6. Techniques for Hallucination Reduction
To address common failure modes in ASR and AST such as hallucination:
- Non-speech audio (36,000 hours of empty-string targets) is included in pre-training to expose the model to negative examples, thereby reducing spurious transcriptions in both ASR and AST tasks.
- The presence of weakly supervised, large-scale audio-text data in training encourages greater generalization and minimizes overfitting to spurious patterns.
This suggests effective suppression of hallucinations is possible through large-scale negative sampling and careful curriculum selection rather than extensive architectural overhauls.
7. Significance and Application Scope
- Canary-1B-v2 demonstrates that architectural efficiency, large-scale multilingual training, dynamic balancing, and robust forced alignment collectively enable state-of-the-art performance while remaining deployable in resource-constrained scenarios.
- The approach is adaptable to both broad-coverage multilingual ASR and speech translation, and with minor modifications, can be extended to additional modalities or languages.

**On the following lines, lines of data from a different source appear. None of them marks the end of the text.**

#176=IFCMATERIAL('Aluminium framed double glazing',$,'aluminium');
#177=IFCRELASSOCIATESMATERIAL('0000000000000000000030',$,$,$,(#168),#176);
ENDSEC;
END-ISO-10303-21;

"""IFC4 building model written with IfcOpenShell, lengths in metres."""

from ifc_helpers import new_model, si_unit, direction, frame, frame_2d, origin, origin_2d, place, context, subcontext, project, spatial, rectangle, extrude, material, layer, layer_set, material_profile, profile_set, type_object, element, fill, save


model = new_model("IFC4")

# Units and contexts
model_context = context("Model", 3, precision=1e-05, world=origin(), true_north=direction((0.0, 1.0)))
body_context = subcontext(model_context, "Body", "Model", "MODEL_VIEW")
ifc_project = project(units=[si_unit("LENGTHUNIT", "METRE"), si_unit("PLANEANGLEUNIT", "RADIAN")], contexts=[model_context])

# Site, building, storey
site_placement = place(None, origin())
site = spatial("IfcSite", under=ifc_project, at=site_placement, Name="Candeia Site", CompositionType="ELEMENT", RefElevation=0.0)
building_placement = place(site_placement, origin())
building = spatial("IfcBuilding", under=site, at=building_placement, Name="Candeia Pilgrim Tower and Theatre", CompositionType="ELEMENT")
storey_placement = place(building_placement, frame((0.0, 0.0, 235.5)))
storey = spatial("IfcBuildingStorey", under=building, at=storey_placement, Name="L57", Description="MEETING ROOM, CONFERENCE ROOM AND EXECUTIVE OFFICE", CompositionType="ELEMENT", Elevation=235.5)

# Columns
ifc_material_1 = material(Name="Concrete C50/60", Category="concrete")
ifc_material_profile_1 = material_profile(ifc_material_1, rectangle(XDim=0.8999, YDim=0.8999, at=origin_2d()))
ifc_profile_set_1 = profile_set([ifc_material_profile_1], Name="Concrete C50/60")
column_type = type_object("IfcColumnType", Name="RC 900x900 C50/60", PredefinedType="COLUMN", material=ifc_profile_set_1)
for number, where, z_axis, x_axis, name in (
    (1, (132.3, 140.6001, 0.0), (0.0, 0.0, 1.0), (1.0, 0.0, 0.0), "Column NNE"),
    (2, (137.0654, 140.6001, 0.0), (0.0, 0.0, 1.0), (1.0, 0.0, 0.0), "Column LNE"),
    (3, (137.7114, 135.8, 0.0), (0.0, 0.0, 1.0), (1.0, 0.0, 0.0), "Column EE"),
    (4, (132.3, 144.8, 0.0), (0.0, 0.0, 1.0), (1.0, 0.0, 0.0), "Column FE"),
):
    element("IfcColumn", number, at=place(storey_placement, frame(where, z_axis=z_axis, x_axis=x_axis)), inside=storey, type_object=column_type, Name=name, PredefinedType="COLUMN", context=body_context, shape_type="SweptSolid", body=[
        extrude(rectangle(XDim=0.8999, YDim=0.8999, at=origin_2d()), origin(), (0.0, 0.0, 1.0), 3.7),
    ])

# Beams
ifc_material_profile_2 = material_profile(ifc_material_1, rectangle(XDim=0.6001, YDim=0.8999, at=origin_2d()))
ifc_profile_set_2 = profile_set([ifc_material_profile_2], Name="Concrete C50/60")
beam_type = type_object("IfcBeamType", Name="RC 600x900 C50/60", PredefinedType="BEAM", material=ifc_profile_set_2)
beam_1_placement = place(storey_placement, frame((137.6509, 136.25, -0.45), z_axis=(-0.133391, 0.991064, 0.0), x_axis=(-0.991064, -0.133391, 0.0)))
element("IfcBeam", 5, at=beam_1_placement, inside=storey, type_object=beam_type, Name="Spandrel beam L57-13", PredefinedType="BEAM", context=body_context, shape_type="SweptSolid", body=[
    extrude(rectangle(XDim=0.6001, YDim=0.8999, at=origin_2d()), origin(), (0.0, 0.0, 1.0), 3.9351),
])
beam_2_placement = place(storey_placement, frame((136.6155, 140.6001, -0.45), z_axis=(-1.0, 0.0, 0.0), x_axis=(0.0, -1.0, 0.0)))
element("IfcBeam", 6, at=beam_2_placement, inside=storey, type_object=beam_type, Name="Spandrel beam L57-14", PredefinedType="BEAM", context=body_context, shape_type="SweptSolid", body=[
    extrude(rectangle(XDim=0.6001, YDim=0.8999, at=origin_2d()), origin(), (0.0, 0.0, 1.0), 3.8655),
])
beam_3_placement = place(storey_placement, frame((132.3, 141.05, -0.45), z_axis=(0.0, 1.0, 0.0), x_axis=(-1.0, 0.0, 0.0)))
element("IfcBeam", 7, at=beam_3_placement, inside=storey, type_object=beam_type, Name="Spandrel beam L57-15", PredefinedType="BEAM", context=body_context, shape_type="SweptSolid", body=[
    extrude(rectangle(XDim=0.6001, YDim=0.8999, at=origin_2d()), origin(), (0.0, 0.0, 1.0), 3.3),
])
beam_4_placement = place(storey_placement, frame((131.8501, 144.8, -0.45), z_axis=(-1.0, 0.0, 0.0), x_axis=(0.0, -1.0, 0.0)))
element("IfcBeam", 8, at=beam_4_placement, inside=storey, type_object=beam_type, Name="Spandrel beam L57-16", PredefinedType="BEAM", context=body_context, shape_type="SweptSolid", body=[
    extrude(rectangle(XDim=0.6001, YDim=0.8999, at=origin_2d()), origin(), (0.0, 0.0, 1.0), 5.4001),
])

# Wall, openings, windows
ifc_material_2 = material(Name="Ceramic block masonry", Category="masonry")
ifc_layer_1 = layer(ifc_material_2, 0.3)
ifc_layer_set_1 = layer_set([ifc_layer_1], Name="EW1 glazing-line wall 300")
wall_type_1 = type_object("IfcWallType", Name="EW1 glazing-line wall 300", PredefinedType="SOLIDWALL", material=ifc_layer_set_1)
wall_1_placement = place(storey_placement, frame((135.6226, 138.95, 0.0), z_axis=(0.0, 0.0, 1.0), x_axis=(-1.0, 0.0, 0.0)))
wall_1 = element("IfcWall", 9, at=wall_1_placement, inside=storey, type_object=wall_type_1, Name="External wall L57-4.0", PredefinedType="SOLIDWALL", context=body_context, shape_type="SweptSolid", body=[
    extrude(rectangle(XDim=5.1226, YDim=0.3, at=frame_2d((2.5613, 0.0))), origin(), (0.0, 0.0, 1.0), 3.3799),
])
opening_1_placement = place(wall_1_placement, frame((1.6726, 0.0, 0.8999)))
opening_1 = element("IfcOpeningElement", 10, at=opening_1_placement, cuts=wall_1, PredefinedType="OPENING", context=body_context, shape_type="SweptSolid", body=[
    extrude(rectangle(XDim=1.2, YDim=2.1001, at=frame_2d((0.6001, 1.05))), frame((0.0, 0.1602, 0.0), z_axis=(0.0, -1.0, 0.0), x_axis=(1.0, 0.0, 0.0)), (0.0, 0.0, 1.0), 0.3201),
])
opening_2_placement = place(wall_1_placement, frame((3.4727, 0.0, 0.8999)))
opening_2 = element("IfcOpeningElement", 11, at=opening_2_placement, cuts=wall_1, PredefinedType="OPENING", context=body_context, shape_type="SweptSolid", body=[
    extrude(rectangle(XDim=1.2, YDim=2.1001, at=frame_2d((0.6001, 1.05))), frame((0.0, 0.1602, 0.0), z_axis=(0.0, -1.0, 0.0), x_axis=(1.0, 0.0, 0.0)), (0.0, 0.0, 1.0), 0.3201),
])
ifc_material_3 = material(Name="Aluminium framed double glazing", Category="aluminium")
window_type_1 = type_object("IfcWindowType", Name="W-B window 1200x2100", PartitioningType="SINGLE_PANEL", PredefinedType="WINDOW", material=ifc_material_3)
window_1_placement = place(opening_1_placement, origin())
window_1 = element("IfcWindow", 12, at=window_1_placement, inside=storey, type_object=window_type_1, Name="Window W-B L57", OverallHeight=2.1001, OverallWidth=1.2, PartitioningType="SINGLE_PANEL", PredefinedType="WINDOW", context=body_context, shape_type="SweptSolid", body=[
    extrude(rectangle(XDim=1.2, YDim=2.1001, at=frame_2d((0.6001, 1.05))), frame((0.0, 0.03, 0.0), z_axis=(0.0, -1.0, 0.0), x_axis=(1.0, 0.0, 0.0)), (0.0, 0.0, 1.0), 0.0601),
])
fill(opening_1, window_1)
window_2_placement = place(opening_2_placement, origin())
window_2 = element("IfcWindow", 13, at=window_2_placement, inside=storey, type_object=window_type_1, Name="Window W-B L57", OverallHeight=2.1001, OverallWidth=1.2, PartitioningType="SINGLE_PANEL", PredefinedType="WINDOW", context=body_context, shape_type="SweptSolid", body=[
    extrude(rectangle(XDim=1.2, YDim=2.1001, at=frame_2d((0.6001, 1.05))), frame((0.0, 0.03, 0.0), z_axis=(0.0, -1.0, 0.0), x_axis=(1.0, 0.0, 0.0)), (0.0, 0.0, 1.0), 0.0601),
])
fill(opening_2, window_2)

This suggests a paradigm where models with moderate parameter counts, when paired with sophisticated training protocols and modular alignment tools, can match or surpass the output quality of much larger systems across practical, real-world tasks.
For further technical details and experimental results, see "Canary-1B-v2 & Parakeet-TDT-0.6B-v3: Efficient and High-Performance Models for Multilingual ASR and AST" (Sekoyan et al., 17 Sep 2025).